The Sailor on the Seas of Fate — This is the second I read this collection of three novellas (I love the title) in which Elric finds himself increasingly a tool of Fate. I liked the first part where he encounters a pair of sorcerers (amoral gods feared even by Law and Chaos) from another dimension and Elric merging with Corum, Hawkmoon, and Ereköse (all manifestations of the Eternal Champion) to defeating him. I also liked the quest for the Jade Man’s eyes in which we start to get the first fearful signs that Elric can no longer control the growing power of Stormbringer when the sword kills Elric’s friend Duke Avon. It is with this that we start to get the full, fascinating Elric – guilty, self-proclaimed servant of Chaos and evil, melancholy, tortured, self-despising, a romantic cynic.
“The Dreaming City” — A pivotal Elric story. He leads a fleet of Young Kingdom sea raiders and destroys his former throne, the Melnibonean Dreaming City of Imrryr. In the battle, old friends of his are killed. Most of the fleet does not survive the last gasp of Melnibonean vengeance. Treacherous Yyrkoon is killed. But Stormbringer kills Elric’s beloved Cymoril. At last, Elric realizes, with horror, he and Stormbringer are now bound together. He tries, unsuccessfully, to throw the Black Sword in the sea, but it doesn’t sink. Despairingly he announces that
“men will have cause to tremble and flee when they hear the names of Elric of Melniboné and Stormbringer”.

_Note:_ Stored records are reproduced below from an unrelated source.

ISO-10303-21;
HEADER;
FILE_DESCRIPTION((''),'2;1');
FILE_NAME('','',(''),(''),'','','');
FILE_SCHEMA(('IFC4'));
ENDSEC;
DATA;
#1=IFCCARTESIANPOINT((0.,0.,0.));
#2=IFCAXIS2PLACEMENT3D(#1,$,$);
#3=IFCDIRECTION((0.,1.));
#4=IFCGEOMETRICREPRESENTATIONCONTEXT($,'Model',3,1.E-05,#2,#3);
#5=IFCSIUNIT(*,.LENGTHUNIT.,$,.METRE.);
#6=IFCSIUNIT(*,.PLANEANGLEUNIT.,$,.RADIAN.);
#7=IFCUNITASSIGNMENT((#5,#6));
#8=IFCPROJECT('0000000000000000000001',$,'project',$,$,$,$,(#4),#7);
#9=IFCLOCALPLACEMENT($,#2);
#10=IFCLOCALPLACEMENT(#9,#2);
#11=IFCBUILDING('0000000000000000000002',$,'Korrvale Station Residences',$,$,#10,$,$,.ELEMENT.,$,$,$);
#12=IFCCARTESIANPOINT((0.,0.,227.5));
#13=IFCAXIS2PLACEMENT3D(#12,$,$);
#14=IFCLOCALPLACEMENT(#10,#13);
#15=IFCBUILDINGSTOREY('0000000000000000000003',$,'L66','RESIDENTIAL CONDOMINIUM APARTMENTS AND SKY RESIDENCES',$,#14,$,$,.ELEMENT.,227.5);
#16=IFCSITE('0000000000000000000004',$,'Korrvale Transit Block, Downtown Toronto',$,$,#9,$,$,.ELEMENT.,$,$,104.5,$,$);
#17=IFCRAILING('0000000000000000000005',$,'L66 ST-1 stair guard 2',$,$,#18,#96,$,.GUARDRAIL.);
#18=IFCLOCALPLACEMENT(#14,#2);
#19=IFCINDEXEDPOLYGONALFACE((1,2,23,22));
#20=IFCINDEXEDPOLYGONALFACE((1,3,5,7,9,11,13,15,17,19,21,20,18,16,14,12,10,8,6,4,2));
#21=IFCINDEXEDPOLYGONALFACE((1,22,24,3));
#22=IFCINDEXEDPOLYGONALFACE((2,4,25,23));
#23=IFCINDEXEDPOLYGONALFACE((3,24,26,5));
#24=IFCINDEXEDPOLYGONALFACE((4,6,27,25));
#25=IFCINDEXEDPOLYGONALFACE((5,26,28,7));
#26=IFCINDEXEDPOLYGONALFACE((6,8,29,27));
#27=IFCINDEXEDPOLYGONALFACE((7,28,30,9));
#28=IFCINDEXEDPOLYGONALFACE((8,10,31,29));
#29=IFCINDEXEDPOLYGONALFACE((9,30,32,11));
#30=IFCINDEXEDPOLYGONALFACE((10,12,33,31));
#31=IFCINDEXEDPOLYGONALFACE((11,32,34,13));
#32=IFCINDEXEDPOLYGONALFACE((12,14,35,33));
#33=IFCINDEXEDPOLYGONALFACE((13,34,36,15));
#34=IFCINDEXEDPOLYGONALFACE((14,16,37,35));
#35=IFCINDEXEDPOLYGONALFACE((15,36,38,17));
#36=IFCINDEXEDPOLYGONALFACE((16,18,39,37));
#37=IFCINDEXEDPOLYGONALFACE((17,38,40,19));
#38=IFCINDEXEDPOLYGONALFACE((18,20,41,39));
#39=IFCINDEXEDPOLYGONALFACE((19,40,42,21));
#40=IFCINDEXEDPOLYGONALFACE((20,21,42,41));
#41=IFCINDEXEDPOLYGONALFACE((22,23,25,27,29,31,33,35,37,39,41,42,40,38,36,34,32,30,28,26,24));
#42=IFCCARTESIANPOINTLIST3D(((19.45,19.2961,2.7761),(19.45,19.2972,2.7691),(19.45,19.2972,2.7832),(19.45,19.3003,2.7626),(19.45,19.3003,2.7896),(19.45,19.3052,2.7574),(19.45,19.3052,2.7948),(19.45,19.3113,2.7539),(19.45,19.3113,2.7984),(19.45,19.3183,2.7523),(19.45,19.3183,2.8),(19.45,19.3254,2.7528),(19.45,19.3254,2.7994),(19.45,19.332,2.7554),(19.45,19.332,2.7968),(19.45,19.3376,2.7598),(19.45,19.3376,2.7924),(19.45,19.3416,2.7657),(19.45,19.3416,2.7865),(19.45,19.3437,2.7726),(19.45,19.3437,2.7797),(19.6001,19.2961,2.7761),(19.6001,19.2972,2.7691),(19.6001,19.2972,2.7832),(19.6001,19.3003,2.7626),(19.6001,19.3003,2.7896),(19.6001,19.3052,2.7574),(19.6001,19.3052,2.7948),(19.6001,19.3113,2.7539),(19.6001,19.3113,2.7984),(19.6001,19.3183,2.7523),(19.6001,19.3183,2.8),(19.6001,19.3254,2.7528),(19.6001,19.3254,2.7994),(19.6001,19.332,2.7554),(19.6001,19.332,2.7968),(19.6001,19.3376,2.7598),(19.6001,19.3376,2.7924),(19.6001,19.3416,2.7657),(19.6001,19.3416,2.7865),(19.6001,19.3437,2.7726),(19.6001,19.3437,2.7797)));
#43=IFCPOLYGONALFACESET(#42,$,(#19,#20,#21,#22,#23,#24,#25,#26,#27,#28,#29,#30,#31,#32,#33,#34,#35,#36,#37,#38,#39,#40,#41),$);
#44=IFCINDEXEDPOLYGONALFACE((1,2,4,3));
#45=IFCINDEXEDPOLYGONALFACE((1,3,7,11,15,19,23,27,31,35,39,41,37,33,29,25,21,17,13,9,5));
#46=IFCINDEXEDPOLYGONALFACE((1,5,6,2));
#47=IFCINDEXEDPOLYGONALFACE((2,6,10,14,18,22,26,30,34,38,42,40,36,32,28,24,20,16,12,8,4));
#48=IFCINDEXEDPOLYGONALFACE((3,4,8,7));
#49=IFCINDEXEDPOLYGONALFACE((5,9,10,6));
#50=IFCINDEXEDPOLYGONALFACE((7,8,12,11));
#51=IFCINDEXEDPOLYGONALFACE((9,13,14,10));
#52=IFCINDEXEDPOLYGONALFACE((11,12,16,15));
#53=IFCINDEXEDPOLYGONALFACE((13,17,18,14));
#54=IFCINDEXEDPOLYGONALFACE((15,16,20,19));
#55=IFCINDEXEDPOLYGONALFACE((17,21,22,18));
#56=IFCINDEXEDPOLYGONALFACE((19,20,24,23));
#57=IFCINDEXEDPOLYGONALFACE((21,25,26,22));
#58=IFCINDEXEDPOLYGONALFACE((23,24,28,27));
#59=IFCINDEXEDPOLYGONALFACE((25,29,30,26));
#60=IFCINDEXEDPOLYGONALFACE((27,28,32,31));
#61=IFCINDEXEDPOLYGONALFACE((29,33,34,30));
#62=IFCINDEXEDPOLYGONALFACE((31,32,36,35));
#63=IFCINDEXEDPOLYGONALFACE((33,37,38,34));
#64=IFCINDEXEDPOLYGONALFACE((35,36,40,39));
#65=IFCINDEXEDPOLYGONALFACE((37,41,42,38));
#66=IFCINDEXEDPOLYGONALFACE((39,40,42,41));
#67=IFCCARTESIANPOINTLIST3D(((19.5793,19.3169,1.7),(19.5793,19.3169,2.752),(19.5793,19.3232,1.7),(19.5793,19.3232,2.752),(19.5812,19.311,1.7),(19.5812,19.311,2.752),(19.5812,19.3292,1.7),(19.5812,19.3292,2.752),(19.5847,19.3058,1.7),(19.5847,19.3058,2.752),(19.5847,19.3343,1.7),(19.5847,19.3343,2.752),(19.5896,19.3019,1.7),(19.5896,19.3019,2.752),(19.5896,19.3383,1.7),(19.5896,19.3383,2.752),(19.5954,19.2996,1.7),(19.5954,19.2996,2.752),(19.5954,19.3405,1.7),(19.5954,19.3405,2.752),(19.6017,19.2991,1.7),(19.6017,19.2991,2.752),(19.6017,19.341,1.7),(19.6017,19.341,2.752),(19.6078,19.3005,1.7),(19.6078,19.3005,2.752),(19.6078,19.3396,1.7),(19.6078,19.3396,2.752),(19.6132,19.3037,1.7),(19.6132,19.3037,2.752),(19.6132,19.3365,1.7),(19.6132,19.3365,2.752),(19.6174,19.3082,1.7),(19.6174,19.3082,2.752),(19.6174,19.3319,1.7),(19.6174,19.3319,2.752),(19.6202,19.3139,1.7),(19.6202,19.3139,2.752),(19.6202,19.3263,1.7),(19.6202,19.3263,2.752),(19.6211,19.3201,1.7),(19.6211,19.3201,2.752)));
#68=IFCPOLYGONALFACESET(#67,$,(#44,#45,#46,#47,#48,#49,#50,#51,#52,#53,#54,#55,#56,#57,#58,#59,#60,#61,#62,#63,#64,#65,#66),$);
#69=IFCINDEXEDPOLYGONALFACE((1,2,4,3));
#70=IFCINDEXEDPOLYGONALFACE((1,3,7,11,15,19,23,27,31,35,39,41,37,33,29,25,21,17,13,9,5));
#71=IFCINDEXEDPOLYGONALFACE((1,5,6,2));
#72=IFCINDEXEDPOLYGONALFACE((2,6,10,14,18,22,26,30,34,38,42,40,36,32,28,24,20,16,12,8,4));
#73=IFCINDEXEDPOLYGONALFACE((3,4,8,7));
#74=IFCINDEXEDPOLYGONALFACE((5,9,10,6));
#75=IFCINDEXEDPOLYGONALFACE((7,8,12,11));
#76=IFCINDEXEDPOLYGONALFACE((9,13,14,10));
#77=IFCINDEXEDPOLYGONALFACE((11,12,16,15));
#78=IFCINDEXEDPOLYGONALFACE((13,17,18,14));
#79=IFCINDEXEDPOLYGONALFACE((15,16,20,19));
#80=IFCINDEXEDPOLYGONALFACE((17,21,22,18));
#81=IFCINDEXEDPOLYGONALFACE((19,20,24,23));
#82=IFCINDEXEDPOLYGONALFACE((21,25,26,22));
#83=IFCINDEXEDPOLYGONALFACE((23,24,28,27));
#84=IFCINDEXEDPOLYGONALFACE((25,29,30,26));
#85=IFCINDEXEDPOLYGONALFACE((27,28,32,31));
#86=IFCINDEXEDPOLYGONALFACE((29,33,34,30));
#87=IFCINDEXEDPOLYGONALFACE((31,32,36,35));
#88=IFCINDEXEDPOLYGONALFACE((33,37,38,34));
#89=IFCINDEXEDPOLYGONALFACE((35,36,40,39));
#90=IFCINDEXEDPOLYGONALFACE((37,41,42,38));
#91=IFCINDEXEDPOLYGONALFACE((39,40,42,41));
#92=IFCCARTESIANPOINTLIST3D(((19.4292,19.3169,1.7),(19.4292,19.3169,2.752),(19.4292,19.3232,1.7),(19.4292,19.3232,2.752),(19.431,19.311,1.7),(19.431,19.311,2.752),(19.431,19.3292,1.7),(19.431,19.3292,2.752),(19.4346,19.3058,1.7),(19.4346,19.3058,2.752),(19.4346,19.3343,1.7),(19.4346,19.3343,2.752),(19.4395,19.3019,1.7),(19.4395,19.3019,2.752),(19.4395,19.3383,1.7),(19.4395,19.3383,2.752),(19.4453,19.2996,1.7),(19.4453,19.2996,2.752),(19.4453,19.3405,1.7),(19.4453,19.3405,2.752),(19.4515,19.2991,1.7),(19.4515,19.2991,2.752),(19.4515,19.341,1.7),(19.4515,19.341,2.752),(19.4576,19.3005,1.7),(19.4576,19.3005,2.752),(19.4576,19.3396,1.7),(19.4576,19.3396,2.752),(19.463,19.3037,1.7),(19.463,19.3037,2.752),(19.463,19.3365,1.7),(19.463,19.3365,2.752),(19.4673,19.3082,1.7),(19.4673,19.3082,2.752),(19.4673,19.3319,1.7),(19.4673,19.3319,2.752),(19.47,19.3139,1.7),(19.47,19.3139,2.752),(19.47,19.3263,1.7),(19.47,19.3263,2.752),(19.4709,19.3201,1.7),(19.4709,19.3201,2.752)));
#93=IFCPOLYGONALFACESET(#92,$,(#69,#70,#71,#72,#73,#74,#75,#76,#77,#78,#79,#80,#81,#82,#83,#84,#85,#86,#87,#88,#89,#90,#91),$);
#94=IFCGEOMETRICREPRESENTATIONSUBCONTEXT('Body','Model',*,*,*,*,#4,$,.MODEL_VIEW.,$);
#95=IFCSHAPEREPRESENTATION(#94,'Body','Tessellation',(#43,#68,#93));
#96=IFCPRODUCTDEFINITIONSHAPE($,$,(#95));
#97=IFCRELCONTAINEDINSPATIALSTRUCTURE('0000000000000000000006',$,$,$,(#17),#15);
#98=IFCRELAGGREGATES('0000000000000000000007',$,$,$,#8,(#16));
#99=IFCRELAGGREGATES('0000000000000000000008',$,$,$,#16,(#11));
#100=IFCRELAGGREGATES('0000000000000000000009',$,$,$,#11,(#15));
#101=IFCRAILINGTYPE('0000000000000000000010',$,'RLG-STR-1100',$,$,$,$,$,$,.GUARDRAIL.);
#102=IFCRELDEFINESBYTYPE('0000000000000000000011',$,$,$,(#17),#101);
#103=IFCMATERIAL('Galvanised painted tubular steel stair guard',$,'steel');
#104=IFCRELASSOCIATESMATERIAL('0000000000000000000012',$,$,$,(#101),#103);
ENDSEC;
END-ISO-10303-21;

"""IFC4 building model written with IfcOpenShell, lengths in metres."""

from ifc_helpers import new_model, si_unit, direction, frame, origin, origin_2d, place, context, subcontext, project, spatial, circle, extrude, material, type_object, element, save


model = new_model("IFC4")

# Units and contexts
model_context = context("Model", 3, precision=1e-05, world=origin(), true_north=direction((0.0, 1.0)))
body_context = subcontext(model_context, "Body", "Model", "MODEL_VIEW")
ifc_project = project(units=[si_unit("LENGTHUNIT", "METRE"), si_unit("PLANEANGLEUNIT", "RADIAN")], contexts=[model_context])

# Site, building, storey
site_placement = place(None, origin())
site = spatial("IfcSite", under=ifc_project, at=site_placement, Name="Korrvale Transit Block, Downtown Toronto", CompositionType="ELEMENT", RefElevation=104.5)
building_placement = place(site_placement, origin())
building = spatial("IfcBuilding", under=site, at=building_placement, Name="Korrvale Station Residences", CompositionType="ELEMENT")
storey_placement = place(building_placement, frame((0.0, 0.0, 227.5)))
storey = spatial("IfcBuildingStorey", under=building, at=storey_placement, Name="L66", Description="RESIDENTIAL CONDOMINIUM APARTMENTS AND SKY RESIDENCES", CompositionType="ELEMENT", Elevation=227.5)

# Railing
ifc_material_1 = material(Name="Galvanised painted tubular steel stair guard", Category="steel")
railing_type = type_object("IfcRailingType", Name="RLG-STR-1100", PredefinedType="GUARDRAIL", material=ifc_material_1)
railing_placement = place(storey_placement, frame((19.6001, 19.3201, 1.7)))
element("IfcRailing", 1, at=railing_placement, inside=storey, type_object=railing_type, Name="L66 ST-1 stair guard 2", PredefinedType="GUARDRAIL", context=body_context, shape_type="SweptSolid", body=[
    extrude(circle(Radius=0.0239, at=origin_2d()), frame((0.0, 0.0, 1.0762), z_axis=(-1.0, 0.0, 0.0), x_axis=(0.0, -1.0, 0.0)), (0.0, 0.0, 1.0), 0.1501),
    extrude(circle(Radius=0.021, at=origin_2d()), origin(), (0.0, 0.0, 1.0), 1.052),
    extrude(circle(Radius=0.021, at=origin_2d()), frame((-0.1501, 0.0, 0.0)), (0.0, 0.0, 1.0), 1.052),
])

save(model, "model.ifc")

“While the Gods Laugh” — An allegorical adventure in which Elric goes on a quest for the Dead God’s Book which will supposedly answer Elric’s pondering whether he must “revel in chaos” because existence is pointless and meaningless or whether a benign god exists above the gods of Law and Chaos. When Elric finds the book, he doesn’t find answers. The book is a pile of meaningless dust.
“The Singing Citadel” — This story sets up, I believe, the sorcerer villain Theleb K’aarna who (if I remember correctly) appears in three other stories.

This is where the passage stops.